Here’s one of the communal pieces of writing we created with Aoife:

Candyfloss

Earl Grey, because I’m worth it

The smell of your skin on an autumn evening

Would you like to come for dinner?

Birdsong and Gravel

Home-full and home-less. So blessed and so confused by having two homes separated by sea. Home is love, but loves are split too. Home is somewhere between my father’s and my husband’s arms.


A bit of politics:

Someone raised the interesting issue of how creative writing might take a role in critiquing and challenging the bureaucracy and politics of regeneration. How might that work? And how might that be funded? We circled that question too – how does who’s paying affect what we do? Might we end up doling out propaganda rather than opening up genuine debate?

We touched too on the ethics of what happens afterwards, who takes responsibility for the listening that is needed if consultation is to work.


What’s important?


~ Doing with not doing to

~ Not going into the process with an idea of what the answer should be

What’s needed?

~ Really robust case studies that can be used to convince (maybe reluctant) organisations to engage with this method of working

~ Effective communication - people won't work in this wayif they don't know about it

I’m interested in this idea of case studies, perhaps in trying to get a project off the ground that sets out to consult in this way and explore and document the possibilities.
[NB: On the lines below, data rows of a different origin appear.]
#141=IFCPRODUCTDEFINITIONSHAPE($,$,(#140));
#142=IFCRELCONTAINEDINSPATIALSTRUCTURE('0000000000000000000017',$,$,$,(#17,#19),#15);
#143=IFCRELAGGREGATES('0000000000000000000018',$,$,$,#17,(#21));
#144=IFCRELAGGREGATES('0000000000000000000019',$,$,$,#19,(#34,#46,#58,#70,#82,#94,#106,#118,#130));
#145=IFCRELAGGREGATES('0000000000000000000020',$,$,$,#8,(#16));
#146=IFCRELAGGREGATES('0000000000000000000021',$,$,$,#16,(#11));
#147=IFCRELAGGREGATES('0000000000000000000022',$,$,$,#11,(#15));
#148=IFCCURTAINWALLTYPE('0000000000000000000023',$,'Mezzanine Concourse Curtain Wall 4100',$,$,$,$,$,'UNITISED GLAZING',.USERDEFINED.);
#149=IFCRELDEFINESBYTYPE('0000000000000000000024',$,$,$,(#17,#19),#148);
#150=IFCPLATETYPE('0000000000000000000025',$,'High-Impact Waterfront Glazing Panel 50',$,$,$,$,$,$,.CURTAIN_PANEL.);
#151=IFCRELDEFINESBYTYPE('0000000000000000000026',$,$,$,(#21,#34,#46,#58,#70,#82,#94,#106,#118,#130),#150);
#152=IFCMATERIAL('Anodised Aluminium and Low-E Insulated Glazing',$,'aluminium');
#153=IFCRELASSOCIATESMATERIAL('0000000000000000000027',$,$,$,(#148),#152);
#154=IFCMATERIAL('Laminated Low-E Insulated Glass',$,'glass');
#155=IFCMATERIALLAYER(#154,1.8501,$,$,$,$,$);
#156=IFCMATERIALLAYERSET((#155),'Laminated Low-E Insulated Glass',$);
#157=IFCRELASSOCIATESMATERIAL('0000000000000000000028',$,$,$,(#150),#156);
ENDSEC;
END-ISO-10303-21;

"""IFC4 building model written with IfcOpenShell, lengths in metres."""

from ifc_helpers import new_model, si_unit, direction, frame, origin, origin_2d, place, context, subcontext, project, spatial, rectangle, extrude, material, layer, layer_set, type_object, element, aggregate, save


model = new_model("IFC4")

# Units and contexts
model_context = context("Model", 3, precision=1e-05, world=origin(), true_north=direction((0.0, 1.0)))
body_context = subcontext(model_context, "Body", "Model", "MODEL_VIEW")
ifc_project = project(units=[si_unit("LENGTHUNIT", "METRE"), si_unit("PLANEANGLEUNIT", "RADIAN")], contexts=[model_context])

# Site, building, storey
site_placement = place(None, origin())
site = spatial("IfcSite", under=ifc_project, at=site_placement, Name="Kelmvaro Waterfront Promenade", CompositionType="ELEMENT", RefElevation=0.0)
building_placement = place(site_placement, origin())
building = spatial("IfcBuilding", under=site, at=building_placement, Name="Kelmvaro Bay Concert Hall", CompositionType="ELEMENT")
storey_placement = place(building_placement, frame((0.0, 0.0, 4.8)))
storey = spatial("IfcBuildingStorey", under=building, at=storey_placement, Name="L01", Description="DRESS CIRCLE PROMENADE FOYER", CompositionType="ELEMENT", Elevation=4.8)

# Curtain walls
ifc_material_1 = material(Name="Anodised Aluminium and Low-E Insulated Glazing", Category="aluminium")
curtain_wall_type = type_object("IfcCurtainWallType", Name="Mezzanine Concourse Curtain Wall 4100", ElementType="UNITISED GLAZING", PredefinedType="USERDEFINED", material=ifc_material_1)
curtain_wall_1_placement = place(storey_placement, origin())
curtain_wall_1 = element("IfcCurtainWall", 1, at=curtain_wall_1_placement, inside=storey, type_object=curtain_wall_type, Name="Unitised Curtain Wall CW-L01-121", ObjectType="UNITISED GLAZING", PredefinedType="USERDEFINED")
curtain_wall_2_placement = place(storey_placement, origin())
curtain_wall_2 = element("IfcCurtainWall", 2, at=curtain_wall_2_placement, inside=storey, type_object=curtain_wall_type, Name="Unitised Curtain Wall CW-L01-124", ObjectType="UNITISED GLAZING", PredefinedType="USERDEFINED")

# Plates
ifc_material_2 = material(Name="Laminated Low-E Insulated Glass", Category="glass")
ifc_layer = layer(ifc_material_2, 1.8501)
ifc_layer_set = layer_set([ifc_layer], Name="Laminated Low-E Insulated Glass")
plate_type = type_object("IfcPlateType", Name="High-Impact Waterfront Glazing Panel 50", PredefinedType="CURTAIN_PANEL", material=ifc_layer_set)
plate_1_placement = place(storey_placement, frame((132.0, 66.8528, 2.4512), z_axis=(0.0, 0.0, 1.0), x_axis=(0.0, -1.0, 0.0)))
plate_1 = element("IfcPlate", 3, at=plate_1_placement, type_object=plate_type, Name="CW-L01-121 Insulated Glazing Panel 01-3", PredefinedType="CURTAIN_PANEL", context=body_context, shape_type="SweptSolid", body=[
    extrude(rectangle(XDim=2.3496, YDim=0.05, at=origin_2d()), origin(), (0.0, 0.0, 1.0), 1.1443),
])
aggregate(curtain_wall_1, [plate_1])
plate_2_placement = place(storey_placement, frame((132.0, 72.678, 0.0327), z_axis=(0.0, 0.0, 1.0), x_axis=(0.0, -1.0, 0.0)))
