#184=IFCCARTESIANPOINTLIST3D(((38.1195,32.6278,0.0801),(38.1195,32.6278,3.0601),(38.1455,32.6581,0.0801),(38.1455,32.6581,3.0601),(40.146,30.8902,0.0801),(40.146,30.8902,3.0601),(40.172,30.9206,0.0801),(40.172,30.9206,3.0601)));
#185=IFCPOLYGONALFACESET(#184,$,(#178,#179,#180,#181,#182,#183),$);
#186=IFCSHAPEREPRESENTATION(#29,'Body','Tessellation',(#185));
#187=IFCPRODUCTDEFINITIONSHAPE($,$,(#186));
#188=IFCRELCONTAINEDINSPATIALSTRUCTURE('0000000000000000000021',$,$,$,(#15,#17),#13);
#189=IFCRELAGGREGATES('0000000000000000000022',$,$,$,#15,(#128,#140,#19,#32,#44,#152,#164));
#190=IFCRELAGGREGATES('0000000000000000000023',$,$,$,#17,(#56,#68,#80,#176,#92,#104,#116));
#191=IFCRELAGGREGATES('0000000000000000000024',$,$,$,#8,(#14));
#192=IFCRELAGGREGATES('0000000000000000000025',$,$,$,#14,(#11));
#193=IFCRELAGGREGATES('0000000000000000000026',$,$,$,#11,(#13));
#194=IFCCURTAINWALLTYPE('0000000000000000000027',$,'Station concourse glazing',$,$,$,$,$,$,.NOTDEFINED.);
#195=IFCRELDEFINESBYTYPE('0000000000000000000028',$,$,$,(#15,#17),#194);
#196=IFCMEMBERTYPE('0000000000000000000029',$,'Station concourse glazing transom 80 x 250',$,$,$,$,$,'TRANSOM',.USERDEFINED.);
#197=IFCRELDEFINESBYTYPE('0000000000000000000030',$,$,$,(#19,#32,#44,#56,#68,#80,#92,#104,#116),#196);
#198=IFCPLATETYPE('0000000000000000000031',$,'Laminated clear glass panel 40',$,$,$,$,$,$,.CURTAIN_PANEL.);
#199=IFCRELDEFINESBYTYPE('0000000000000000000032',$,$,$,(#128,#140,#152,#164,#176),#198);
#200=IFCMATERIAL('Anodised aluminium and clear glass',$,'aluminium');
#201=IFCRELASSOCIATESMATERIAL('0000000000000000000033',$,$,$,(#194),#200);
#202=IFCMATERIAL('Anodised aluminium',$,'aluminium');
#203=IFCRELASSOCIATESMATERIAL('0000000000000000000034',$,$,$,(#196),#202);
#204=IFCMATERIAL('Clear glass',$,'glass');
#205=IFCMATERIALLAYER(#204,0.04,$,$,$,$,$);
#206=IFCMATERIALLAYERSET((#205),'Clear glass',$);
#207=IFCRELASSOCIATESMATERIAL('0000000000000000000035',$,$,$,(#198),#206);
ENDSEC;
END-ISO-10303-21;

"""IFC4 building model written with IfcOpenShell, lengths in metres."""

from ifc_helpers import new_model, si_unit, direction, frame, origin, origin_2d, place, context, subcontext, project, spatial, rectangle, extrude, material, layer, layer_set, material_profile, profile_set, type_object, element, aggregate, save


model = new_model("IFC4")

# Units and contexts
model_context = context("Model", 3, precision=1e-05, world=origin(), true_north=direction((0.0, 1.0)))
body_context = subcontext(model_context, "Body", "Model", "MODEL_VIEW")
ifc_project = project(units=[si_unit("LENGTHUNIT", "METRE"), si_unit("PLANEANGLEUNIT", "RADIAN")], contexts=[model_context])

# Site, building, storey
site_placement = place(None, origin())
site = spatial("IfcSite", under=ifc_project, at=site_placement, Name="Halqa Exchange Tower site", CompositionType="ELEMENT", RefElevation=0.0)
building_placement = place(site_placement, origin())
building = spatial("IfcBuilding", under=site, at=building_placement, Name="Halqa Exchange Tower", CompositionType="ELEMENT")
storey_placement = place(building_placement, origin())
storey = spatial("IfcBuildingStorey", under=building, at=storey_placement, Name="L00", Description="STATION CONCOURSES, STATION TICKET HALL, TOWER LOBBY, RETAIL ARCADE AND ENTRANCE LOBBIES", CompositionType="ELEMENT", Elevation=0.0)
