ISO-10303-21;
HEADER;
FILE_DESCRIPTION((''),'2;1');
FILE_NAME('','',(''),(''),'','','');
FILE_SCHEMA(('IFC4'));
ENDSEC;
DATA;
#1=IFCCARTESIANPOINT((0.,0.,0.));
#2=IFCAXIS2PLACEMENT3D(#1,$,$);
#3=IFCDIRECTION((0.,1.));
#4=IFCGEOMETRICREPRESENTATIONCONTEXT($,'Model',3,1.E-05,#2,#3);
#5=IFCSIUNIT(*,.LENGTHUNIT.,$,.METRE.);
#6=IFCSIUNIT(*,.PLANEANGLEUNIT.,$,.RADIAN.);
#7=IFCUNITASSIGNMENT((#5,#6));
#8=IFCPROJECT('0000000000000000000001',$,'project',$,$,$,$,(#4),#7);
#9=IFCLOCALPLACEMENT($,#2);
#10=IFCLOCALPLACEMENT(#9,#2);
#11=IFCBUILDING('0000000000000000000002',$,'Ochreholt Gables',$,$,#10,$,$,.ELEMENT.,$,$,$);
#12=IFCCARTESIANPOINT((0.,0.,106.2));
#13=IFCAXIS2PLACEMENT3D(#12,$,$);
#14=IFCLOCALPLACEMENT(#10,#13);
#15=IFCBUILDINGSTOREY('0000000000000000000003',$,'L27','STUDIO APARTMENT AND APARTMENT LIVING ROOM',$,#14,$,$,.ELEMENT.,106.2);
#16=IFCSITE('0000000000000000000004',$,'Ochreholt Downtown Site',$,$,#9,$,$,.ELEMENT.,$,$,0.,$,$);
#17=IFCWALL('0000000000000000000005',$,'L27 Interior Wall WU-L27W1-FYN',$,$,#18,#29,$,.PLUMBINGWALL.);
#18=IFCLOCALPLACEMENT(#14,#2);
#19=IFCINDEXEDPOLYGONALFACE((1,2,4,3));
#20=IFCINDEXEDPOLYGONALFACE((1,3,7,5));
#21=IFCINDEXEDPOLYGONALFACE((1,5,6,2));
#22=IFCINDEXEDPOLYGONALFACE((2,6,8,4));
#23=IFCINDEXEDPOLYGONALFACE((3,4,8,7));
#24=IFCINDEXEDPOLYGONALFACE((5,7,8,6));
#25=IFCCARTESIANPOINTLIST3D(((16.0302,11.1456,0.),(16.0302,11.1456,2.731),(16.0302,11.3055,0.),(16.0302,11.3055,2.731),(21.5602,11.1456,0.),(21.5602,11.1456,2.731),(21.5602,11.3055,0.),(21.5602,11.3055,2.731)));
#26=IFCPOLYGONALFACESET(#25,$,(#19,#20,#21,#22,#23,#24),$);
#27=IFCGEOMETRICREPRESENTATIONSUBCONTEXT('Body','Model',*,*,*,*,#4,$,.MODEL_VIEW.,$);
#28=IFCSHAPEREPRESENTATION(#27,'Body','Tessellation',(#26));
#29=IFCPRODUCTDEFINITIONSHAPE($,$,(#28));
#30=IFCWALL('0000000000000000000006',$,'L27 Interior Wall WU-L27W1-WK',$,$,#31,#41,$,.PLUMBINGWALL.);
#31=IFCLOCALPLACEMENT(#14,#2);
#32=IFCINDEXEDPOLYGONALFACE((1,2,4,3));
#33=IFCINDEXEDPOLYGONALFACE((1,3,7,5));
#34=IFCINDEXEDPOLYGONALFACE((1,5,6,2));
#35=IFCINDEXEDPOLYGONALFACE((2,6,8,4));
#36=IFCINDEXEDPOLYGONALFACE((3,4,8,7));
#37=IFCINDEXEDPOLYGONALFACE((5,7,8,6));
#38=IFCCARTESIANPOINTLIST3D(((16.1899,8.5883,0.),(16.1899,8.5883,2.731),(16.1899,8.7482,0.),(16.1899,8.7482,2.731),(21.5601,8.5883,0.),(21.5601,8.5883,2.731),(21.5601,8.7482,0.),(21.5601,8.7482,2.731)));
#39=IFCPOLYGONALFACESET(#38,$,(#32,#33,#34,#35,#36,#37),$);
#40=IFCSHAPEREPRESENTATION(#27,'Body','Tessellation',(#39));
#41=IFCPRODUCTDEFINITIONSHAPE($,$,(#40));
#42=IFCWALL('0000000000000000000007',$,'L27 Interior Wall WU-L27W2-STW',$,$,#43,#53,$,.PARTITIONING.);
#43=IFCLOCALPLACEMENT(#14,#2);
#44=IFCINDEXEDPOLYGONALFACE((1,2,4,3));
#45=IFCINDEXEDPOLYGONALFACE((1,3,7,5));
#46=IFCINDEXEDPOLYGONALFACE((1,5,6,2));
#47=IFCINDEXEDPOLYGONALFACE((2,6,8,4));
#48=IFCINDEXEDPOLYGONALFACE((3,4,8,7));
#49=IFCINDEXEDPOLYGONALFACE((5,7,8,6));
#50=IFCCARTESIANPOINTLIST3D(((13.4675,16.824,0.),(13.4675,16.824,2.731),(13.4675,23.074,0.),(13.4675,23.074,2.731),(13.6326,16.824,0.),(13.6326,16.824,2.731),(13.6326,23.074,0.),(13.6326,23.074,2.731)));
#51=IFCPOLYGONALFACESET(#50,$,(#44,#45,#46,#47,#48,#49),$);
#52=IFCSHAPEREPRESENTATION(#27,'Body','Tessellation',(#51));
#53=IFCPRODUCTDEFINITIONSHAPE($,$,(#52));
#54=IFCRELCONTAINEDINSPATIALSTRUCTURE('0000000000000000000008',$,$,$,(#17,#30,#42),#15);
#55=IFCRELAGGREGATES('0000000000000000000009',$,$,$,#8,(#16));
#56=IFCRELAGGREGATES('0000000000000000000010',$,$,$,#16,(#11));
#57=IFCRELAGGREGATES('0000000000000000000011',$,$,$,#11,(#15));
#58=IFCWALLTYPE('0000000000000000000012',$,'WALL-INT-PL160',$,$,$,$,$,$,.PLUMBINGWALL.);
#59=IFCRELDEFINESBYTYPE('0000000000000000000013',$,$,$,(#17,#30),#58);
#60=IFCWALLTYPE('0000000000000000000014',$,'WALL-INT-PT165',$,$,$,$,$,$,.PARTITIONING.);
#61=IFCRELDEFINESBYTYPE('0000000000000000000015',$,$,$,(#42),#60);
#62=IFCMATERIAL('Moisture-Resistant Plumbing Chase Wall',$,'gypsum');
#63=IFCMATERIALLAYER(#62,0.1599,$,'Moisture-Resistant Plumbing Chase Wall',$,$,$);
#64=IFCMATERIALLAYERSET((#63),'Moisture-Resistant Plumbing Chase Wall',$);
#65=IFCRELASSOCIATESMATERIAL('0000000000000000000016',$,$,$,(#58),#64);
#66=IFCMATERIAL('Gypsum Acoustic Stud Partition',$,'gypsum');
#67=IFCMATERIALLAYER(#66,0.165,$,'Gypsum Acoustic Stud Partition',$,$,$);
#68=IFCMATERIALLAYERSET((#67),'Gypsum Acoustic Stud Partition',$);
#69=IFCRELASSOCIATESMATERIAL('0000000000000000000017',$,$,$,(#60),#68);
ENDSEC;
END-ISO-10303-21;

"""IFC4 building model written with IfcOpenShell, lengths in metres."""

from ifc_helpers import new_model, si_unit, direction, frame, frame_2d, origin, place, context, subcontext, project, spatial, rectangle, extrude, material, layer, layer_set, type_object, element, save


model = new_model("IFC4")

# Units and contexts
model_context = context("Model", 3, precision=1e-05, world=origin(), true_north=direction((0.0, 1.0)))
body_context = subcontext(model_context, "Body", "Model", "MODEL_VIEW")
ifc_project = project(units=[si_unit("LENGTHUNIT", "METRE"), si_unit("PLANEANGLEUNIT", "RADIAN")], contexts=[model_context])

# Site, building, storey
site_placement = place(None, origin())
site = spatial("IfcSite", under=ifc_project, at=site_placement, Name="Ochreholt Downtown Site", CompositionType="ELEMENT", RefElevation=0.0)
building_placement = place(site_placement, origin())
building = spatial("IfcBuilding", under=site, at=building_placement, Name="Ochreholt Gables", CompositionType="ELEMENT")
storey_placement = place(building_placement, frame((0.0, 0.0, 106.2)))
storey = spatial("IfcBuildingStorey", under=building, at=storey_placement, Name="L27", Description="STUDIO APARTMENT AND APARTMENT LIVING ROOM", CompositionType="ELEMENT", Elevation=106.2)

# Wall
ifc_material_1 = material(Name="Moisture-Resistant Plumbing Chase Wall", Category="gypsum")
ifc_layer_1 = layer(ifc_material_1, 0.1599, Name="Moisture-Resistant Plumbing Chase Wall")
ifc_layer_set_1 = layer_set([ifc_layer_1], Name="Moisture-Resistant Plumbing Chase Wall")
wall_type_1 = type_object("IfcWallType", Name="WALL-INT-PL160", PredefinedType="PLUMBINGWALL", material=ifc_layer_set_1)
wall_1_placement = place(storey_placement, frame((16.03, 11.2256, 0.0), z_axis=(0.0, 0.0, 1.0), x_axis=(1.0, 0.0, 0.0)))
element("IfcWall", 1, at=wall_1_placement, inside=storey, type_object=wall_type_1, Name="L27 Interior Wall WU-L27W1-FYN", PredefinedType="PLUMBINGWALL", context=body_context, shape_type="SweptSolid", body=[
    extrude(rectangle(XDim=5.53, YDim=0.1599, at=frame_2d((2.7651, 0.0))), origin(), (0.0, 0.0, 1.0), 2.731),
])

# Wall
wall_2_placement = place(storey_placement, frame((16.1899, 8.6682, 0.0), z_axis=(0.0, 0.0, 1.0), x_axis=(1.0, 0.0, 0.0)))
element("IfcWall", 2, at=wall_2_placement, inside=storey, type_object=wall_type_1, Name="L27 Interior Wall WU-L27W1-WK", PredefinedType="PLUMBINGWALL", context=body_context, shape_type="SweptSolid", body=[
    extrude(rectangle(XDim=5.3701, YDim=0.1599, at=frame_2d((2.6851, 0.0))), origin(), (0.0, 0.0, 1.0), 2.731),
])

# Wall
ifc_material_2 = material(Name="Gypsum Acoustic Stud Partition", Category="gypsum")
ifc_layer_2 = layer(ifc_material_2, 0.165, Name="Gypsum Acoustic Stud Partition")
ifc_layer_set_2 = layer_set([ifc_layer_2], Name="Gypsum Acoustic Stud Partition")
wall_type_2 = type_object("IfcWallType", Name="WALL-INT-PT165", PredefinedType="PARTITIONING", material=ifc_layer_set_2)
wall_3_placement = place(storey_placement, frame((13.55, 16.824, 0.0), z_axis=(0.0, 0.0, 1.0), x_axis=(0.0, 1.0, 0.0)))
element("IfcWall", 3, at=wall_3_placement, inside=storey, type_object=wall_type_2, Name="L27 Interior Wall WU-L27W2-STW", PredefinedType="PARTITIONING", context=body_context, shape_type="SweptSolid", body=[
    extrude(rectangle(XDim=6.25, YDim=0.165, at=frame_2d((3.125, 0.0))), origin(), (0.0, 0.0, 1.0), 2.731),
])

save(model, "model.ifc")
And then the communication of that knowledge and experience comes second, giving people the confidence and skills to find their own ways of engaging with creative writing and consultation.

Monday 1 December 2008

Professional Development and Support

UrbanWords is looking to develop a programme of professional development and support in the field of writing and regeneration. In order to plan an appropriate and useful programme, we are asking a broad range of professionals interested in this area about their training and support needs and ideas.